# Can't find it



## day_timer_01 (Jan 3, 2007)

I brought a new 3203 JD and I notice after about 1hr of plowing a pinkish fluid starts leaking (not a lot). This only happens when I'm going in reverse. When I park it there is no leaks and I can't even see any spots where it looks like it is leaking. It is coming from the left side of the tractor. Any ideas?????


----------



## Simpleprestige (Apr 20, 2007)

Pink fluid generally means brake fluid on automobiles, but I am unfamiliar with it, it could be axle fluid if it is overfilled because that is where the plug is on my tractor, but that is the only spot I can think of. Call dealer support.


----------



## Live Oak (Dec 22, 2003)

Depending upon what type of antifreeze your dealer or last owner serviced your tractor with, it may appear pink. I changed my antifreeze in my Cummins in the Dodge and replaced it with Shell Extended Life Anti-Freeze which is a redish pink in color. 

Not sure I am aware of any transmission oils that are pink in color but there may be some out there. Check and see what color your fluids are and that should give you an idea what is leaking. 

If it is anti-freeze this is not neccessarily a problem as the cooling system was probably topped off prior to being delivered and may expel some into the cooland catch tank.
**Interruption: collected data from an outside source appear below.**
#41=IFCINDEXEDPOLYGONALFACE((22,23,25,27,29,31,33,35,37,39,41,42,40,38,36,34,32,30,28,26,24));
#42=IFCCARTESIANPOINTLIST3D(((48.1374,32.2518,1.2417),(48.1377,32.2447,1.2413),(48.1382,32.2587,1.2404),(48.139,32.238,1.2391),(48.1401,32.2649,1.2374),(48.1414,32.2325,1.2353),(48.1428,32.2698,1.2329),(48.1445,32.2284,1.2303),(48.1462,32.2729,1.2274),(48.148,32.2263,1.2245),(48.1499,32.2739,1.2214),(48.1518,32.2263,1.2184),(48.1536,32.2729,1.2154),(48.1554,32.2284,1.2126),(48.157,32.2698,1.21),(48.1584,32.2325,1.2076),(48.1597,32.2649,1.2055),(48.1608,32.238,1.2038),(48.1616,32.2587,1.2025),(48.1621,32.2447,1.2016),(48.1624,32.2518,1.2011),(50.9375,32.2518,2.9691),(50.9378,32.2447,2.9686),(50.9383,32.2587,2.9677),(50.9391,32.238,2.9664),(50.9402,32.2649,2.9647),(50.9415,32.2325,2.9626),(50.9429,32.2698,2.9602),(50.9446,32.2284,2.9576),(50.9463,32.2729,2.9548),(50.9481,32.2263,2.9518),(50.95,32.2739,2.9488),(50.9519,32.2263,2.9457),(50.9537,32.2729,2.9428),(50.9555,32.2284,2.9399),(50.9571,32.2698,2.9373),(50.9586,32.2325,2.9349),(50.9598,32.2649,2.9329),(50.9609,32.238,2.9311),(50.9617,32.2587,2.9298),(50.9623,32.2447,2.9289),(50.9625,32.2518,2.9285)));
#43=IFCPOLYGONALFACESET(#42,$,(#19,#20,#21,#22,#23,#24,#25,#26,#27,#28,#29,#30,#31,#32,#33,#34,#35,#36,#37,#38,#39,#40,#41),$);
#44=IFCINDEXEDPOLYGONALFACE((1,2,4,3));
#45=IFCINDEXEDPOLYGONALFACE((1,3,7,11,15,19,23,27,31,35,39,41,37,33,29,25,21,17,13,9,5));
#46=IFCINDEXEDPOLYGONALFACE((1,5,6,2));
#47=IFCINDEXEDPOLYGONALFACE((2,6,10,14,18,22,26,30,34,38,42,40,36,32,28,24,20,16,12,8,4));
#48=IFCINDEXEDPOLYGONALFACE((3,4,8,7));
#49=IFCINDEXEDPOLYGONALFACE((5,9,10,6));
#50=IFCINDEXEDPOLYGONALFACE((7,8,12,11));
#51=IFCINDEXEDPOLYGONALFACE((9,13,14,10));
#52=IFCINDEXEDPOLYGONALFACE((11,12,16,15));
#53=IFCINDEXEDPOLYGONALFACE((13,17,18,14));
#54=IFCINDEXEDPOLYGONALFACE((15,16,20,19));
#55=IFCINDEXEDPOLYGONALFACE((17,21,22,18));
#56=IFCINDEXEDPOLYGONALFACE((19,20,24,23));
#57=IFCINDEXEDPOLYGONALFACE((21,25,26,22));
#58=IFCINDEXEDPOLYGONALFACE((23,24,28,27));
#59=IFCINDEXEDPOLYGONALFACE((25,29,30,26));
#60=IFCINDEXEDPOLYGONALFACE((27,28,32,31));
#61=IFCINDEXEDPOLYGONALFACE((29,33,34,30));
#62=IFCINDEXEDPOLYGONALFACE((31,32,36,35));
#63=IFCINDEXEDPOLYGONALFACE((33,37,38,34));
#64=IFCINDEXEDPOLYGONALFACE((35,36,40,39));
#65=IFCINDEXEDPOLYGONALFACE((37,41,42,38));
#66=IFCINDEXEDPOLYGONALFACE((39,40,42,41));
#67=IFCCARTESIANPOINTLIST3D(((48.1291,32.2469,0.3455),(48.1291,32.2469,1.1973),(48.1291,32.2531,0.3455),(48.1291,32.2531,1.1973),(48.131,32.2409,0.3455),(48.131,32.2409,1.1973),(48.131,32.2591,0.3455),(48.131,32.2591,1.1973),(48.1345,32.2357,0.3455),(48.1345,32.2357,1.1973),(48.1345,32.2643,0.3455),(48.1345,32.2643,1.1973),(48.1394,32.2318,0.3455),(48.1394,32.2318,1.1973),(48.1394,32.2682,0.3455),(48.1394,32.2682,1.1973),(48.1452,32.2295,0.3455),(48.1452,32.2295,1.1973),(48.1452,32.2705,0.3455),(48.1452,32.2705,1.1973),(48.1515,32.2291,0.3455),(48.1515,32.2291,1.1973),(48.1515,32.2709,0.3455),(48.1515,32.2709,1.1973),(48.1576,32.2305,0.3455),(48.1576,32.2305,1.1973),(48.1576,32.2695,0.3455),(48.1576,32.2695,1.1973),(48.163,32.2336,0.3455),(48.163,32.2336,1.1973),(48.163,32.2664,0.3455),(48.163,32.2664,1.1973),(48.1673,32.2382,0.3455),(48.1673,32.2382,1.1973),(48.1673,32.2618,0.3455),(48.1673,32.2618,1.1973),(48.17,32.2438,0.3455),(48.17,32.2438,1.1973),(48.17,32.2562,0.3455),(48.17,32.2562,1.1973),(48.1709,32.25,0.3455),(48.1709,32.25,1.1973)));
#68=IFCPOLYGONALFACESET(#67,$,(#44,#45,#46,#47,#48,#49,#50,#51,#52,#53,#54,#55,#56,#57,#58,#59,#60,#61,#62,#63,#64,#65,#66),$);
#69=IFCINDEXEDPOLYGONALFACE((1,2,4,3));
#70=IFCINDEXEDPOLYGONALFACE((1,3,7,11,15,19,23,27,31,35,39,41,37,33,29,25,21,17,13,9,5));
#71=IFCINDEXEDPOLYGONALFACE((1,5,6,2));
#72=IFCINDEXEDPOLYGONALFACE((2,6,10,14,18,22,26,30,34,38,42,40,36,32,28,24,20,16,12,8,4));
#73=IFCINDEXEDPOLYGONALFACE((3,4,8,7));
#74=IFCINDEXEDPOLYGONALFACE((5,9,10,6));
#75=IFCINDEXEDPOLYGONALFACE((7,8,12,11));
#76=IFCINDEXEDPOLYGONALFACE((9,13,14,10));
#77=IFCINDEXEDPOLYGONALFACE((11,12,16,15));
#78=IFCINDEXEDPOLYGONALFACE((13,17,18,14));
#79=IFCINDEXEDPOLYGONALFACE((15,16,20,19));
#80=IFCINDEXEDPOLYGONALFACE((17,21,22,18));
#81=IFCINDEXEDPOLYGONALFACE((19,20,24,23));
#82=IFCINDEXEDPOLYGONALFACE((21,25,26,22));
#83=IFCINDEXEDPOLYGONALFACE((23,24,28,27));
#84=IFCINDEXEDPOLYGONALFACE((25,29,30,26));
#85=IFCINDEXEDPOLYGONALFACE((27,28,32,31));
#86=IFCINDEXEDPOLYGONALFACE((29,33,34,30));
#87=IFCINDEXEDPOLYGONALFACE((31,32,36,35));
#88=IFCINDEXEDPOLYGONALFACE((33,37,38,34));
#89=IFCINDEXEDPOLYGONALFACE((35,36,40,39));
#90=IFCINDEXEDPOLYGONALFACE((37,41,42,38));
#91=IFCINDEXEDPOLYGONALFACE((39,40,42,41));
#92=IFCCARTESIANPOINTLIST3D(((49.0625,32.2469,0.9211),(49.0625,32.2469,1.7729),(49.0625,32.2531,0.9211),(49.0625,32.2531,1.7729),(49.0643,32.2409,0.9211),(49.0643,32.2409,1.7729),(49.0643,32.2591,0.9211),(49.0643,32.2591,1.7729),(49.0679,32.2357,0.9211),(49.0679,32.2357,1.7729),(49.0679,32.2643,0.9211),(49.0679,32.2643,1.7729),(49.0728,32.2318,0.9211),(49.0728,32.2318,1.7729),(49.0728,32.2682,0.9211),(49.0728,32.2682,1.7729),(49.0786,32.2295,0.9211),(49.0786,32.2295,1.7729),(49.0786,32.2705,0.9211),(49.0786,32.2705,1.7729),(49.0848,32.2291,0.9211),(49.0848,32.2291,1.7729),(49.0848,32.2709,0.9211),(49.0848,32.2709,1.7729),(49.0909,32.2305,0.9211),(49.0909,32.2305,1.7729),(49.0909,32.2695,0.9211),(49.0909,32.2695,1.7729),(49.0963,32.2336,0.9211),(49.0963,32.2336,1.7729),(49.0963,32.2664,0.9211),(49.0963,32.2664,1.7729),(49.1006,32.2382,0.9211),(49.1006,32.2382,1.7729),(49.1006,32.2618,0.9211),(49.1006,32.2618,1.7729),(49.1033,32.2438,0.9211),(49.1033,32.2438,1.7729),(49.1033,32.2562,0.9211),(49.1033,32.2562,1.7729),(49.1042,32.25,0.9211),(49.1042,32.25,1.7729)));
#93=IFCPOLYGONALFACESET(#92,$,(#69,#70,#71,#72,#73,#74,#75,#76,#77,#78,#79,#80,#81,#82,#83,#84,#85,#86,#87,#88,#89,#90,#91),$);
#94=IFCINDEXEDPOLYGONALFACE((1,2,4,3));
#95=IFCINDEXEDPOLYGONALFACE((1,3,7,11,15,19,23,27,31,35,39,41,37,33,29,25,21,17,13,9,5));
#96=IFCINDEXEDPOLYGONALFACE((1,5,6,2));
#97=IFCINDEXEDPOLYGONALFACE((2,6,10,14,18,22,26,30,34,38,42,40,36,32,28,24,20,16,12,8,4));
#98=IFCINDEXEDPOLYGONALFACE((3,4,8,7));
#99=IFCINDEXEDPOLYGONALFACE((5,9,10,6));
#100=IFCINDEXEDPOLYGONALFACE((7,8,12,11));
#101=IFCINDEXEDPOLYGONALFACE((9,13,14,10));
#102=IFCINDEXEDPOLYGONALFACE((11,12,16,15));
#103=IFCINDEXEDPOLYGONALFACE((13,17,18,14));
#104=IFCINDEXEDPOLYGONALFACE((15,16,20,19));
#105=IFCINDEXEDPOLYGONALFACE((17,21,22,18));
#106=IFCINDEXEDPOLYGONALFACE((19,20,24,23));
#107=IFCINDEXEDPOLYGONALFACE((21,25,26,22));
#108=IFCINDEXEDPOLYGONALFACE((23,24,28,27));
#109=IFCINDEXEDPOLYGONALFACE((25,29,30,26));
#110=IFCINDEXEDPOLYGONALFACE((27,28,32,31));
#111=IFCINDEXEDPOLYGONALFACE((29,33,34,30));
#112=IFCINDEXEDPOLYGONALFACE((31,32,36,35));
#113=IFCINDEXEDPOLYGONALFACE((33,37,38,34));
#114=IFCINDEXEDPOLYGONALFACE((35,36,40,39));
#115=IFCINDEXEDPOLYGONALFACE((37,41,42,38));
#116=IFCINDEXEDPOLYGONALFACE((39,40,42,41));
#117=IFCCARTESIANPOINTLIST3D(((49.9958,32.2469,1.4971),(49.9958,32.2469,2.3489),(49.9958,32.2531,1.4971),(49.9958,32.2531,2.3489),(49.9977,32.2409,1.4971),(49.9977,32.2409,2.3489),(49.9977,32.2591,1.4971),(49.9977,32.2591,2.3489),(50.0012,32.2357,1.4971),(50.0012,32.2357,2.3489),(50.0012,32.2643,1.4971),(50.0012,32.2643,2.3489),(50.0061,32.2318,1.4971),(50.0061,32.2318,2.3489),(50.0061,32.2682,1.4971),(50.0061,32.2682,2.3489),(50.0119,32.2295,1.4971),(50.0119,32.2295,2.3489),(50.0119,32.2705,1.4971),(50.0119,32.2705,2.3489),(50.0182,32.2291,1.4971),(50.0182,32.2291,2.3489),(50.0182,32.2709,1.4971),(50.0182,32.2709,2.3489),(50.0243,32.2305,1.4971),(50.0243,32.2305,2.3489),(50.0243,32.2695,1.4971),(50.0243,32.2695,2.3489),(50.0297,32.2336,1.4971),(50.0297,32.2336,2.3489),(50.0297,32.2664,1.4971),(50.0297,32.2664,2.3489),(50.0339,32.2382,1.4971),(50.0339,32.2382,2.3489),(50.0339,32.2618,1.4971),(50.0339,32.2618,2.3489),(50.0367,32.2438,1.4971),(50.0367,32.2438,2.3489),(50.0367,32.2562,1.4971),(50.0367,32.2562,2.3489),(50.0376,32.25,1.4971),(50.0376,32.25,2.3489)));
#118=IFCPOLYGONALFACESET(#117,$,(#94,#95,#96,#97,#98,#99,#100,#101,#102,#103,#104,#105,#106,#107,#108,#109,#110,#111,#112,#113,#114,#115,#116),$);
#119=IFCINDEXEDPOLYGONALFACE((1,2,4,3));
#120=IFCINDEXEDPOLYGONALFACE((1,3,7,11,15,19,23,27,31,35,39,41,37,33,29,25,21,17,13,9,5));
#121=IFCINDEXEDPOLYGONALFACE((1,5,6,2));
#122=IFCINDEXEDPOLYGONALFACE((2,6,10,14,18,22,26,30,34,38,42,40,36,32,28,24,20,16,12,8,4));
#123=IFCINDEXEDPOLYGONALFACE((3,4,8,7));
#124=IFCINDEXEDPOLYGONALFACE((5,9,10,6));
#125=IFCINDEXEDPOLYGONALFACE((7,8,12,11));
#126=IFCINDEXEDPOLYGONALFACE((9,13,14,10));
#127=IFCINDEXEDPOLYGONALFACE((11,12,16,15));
The catch tank hose may be leaking or it is over filled. 

Pretty much the same applies to the transmission oil. 

In both cases, the fluid level will tend to seeks its sweet spot if slightly over filled. 

On the other hand, if the fluid levels are at the proper level and leakage is occuring, check to verify where this is coming from. 
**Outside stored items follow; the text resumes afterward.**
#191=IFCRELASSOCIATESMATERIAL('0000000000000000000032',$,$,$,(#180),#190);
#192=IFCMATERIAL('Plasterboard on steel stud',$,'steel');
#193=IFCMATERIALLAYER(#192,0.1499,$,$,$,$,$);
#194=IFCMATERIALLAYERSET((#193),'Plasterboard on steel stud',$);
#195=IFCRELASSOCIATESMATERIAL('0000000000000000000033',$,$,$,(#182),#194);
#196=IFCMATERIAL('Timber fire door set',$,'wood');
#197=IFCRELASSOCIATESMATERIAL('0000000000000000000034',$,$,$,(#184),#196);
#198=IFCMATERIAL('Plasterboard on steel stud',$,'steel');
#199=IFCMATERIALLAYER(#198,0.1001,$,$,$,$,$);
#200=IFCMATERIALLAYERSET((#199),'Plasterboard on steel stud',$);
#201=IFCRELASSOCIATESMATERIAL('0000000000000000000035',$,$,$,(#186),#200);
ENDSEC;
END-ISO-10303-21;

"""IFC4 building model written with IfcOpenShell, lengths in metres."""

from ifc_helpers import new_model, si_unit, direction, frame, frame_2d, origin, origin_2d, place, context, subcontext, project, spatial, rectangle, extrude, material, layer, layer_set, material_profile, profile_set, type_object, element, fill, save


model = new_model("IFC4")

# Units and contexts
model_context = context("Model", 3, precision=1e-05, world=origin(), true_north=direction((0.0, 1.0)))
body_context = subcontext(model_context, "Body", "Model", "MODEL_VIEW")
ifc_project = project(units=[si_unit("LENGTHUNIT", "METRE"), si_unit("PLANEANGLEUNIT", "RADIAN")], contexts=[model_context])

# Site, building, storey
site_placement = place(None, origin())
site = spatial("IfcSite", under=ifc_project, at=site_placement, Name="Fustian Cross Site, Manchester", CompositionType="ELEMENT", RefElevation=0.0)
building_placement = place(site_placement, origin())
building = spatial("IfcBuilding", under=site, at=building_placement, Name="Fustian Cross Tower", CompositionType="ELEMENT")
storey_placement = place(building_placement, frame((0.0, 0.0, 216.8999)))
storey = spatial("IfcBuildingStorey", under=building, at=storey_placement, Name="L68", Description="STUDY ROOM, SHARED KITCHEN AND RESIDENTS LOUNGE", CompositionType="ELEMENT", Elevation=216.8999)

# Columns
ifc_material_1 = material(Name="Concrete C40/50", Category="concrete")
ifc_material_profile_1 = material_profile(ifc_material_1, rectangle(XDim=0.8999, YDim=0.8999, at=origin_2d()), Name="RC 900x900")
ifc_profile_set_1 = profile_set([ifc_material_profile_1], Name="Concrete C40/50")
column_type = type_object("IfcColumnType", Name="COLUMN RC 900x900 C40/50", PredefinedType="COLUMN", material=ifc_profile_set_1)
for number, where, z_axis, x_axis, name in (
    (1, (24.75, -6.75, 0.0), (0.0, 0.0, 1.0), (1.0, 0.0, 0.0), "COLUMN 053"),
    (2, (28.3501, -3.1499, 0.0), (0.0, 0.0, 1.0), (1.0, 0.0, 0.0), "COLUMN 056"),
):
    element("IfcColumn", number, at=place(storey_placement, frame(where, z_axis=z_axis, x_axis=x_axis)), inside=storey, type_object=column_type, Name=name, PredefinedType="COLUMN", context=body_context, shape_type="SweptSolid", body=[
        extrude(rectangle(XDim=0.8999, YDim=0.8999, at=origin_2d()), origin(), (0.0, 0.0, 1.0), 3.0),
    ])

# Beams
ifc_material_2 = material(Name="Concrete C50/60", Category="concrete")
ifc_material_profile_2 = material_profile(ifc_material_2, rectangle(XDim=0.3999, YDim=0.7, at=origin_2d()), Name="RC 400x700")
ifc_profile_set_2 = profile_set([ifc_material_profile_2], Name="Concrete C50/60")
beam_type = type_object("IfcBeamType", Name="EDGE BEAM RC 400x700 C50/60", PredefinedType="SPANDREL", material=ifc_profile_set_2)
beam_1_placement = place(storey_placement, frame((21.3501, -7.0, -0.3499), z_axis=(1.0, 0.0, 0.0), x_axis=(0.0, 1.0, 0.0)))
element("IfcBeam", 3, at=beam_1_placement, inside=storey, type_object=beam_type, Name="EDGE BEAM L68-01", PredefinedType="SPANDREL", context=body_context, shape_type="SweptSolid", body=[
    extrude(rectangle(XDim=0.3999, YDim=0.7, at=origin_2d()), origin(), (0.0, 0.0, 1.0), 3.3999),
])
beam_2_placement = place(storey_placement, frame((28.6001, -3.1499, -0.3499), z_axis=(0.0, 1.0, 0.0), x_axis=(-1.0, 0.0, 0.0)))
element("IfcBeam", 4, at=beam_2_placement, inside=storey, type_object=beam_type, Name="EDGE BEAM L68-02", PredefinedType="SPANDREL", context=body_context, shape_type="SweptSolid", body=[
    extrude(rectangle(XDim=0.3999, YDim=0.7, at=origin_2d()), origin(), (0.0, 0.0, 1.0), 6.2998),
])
CHECK ALL your fluid levels to VERIFY correct servicing with the correct fluid and correct fill level. 

It is not likely on a new engine but not impossible. A cracked head, faulty/blown head gasket can cause anti-freeze to contaminate the oil and blow out of the crank case vent tube.

An overfille transmission will vent oil out of the vent tube/fill cap vent once hot and operating. 

These last 2 (knock on wood) are highly unlikely. Just check things out good and see what is going on. As mentioned above, asking your dealer surely cannot hurt either.


----------



## Live Oak (Dec 22, 2003)

Almost forgot! One other possibility could be the tires leaking fluid if you had them filled. Likely the rear tires. Your dealer could have used pink anti-freeze to fill the tires. Any number of things can cause a leak such as this, such as a punctured tire, leaking valve stem, cracked wheel rim, improperly seated tire, etc. 

Check it out. Check the tire pressure by stopping the tractor with the valve stem at the 12 o'clock position FIRST. Then check the tire pressure. If it is low, could be indicating a leak although it is likely just not serviced to the correct pressure. Set the pressure and check it again later.


----------



## day_timer_01 (Jan 3, 2007)

thanks


----------



## Stephen Newell (Jan 18, 2008)

*Pink Fluid*

I bought a new 2210 JD in 2003. The hydraulic fluid that they put in the transmissionin was pink.


----------



## Live Oak (Dec 22, 2003)

John Deere Hygard is brown in color. Deere may have introduced a new fluid I am not aware of. I may be incorrect but it sounds like someone put transmission fluid in your tractor as a substitute fluid. I would IMMEDIATELY contact your dealer and ask them about this. 

They should NOT be using ANYTHING but John Deere fluids in your tractor. If there is ANY doubt, I would change the fluid and filters NOW. Improper hydraulic fluid can and will damage your transmission and or hydraulic system.


----------



## JDFANATIC (Dec 28, 2005)

Ah, Stephen, if your tractor had pink fluid in the transmission, you would have had a case and guaranteed you would have won it.

As TFAdmin pointed out, hyguard is brown.


----------